Серена отпрянула от Джонатана. Кровь шумела у нее в ушах. Она дрожала всем телом. Бесконечно долгое мгновение она стояла, опустив голову, и старалась выровнять дыхание. Изо всех старалась удержаться на ногах.
Джонатан тоже дышал с трудом. Как будто их поцелуй вытеснил из комнаты весь воздух.
– Позволь мне прикоснуться к тебе. – Он потянулся к ней всем телом после этих слов. – Позволь мне снова увидеть тебя. Умоляю, отдайся мне.
Она жаждала этого. Она могла расстегнуть его брюки и ласкать так же, как ласкала на балу у вдовствующей герцогини шесть лет назад. Ее всю обдало жаром неудержимой страсти.
Нет.
– Я не могу, – еле выговорила она задыхаясь.
– Серена…
– Нет! Я просто не могу. – Она без сил опустилась на стул и теперь смотрела на Джонатана снизу вверх со всей безнадежностью, отчаянием и чувством вины, охватившими ее целиком.
Джонатан наклонил голову.
– Я бы мог сказать, что тоже не могу. Богу ведомо, что я не хочу причинить боль своему другу. И не хочу, чтобы это сделала ты. Я должен держаться как можно дальше от тебя. Но Господи, Серена… – Теперь он снова смотрел на нее, и она отражалась в его глазах. – Быть рядом с тобой, видеть тебя, вспоминать о тебе. Говорить с тобой. Это же… Я думаю, это еще лучше, чем прежде. – Он сокрушенно покачал головой. – Я должен держаться в стороне от тебя. Но я не знаю, смогу ли…
Серена стиснула губы и уставилась на остывшую еду у себя в тарелке.
– Сможете, – произнесла она, снова переходя к обращению на «вы». – Смогу и я. Иного выхода нет. – Тут она снова взглянула на него. – Сядьте, Джонатан, и давайте покончим с обедом.
Он зажмурился, и Серена видела, что он борется с собой.
– За Уилла, – прошептала она.
Обуреваемый чувством вины, Джонатан дернул себя за волосы. Их взгляды пересеклись. Она победила – на сей раз. Нет, не она победила. Чувство вины одержало победу.
Джонатан сел, придвинув стул ближе к столу и посмотрел на тарелку перед собой.

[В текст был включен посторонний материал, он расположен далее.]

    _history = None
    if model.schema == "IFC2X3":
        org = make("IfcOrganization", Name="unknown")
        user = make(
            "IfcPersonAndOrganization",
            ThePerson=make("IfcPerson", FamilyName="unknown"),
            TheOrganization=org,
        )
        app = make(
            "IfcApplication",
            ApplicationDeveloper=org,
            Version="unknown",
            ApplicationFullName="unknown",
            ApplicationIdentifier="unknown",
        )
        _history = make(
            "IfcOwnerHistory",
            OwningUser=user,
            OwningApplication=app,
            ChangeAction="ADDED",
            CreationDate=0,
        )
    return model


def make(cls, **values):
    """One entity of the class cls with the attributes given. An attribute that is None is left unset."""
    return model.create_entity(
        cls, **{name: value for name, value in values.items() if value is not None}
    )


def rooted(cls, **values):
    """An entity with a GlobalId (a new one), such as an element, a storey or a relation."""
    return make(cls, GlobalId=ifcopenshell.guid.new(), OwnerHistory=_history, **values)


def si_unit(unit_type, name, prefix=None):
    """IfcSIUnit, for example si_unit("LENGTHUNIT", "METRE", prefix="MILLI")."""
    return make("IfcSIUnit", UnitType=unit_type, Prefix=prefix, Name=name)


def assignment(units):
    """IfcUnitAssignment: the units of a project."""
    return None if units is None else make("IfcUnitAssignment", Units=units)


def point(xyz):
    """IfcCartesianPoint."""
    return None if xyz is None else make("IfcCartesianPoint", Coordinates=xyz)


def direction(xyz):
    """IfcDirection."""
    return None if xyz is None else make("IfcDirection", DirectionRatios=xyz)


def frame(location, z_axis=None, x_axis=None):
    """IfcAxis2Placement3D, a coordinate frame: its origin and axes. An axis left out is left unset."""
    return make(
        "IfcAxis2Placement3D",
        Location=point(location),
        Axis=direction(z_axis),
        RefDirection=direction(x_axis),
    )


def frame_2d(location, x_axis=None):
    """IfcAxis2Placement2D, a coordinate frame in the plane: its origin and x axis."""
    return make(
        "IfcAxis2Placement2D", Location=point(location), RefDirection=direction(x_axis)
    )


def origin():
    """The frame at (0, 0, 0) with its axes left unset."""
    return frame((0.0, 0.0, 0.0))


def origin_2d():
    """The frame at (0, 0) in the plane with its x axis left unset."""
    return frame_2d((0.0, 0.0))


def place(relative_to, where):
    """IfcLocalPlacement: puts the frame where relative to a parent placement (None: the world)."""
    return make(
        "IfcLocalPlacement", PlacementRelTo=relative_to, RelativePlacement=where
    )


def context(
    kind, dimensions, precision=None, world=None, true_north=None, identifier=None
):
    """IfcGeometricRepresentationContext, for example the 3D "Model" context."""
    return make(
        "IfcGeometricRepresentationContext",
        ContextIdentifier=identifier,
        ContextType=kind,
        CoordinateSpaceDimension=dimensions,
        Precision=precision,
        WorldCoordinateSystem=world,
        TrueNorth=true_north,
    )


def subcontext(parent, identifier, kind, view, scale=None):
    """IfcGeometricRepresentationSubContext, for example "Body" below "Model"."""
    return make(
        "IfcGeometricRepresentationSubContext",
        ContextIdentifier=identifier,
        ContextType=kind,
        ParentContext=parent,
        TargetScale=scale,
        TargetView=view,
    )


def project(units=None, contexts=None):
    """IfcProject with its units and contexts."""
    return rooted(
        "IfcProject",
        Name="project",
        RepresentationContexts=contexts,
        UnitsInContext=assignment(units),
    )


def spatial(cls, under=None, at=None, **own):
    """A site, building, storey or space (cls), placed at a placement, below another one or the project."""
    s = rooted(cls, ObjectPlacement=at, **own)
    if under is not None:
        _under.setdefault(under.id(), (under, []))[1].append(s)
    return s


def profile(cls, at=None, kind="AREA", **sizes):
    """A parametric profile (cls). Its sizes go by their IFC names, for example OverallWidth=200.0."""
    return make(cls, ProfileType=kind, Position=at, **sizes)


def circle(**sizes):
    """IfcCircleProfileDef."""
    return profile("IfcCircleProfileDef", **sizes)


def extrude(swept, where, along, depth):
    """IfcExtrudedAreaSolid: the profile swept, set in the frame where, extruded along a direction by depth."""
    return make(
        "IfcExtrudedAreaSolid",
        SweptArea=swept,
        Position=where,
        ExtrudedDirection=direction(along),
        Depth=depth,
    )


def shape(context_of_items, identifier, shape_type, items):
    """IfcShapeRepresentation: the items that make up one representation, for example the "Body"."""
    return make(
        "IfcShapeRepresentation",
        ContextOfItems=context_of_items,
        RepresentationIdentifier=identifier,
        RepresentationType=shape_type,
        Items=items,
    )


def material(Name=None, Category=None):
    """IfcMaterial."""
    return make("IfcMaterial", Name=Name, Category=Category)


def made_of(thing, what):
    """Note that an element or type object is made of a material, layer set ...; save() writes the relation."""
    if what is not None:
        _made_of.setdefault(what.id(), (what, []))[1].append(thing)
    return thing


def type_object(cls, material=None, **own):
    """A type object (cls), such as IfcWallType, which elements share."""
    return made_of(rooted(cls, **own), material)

Они доели остатки холодного мяса куропатки в полном молчании.
После ужина Серена вежливо пожелала Джонатану спокойной ночи и удалилась к себе в спальню, чувствуя спиной его пристальный взгляд. Чуть позже она услышала донесшийся из коридора стук захлопнутой двери. Она быстро подошла к окну и отодвинула пеструю ситцевую занавеску и наклонилась над деревянным подоконником.
Новая смесь тревоги и страха зародилась где-то в самой глубине ее души. Самым неприятным было то, что она ощутила в этом уже знакомое стремление поступить, как говорится, очертя голову, совершенно не думая об опасности.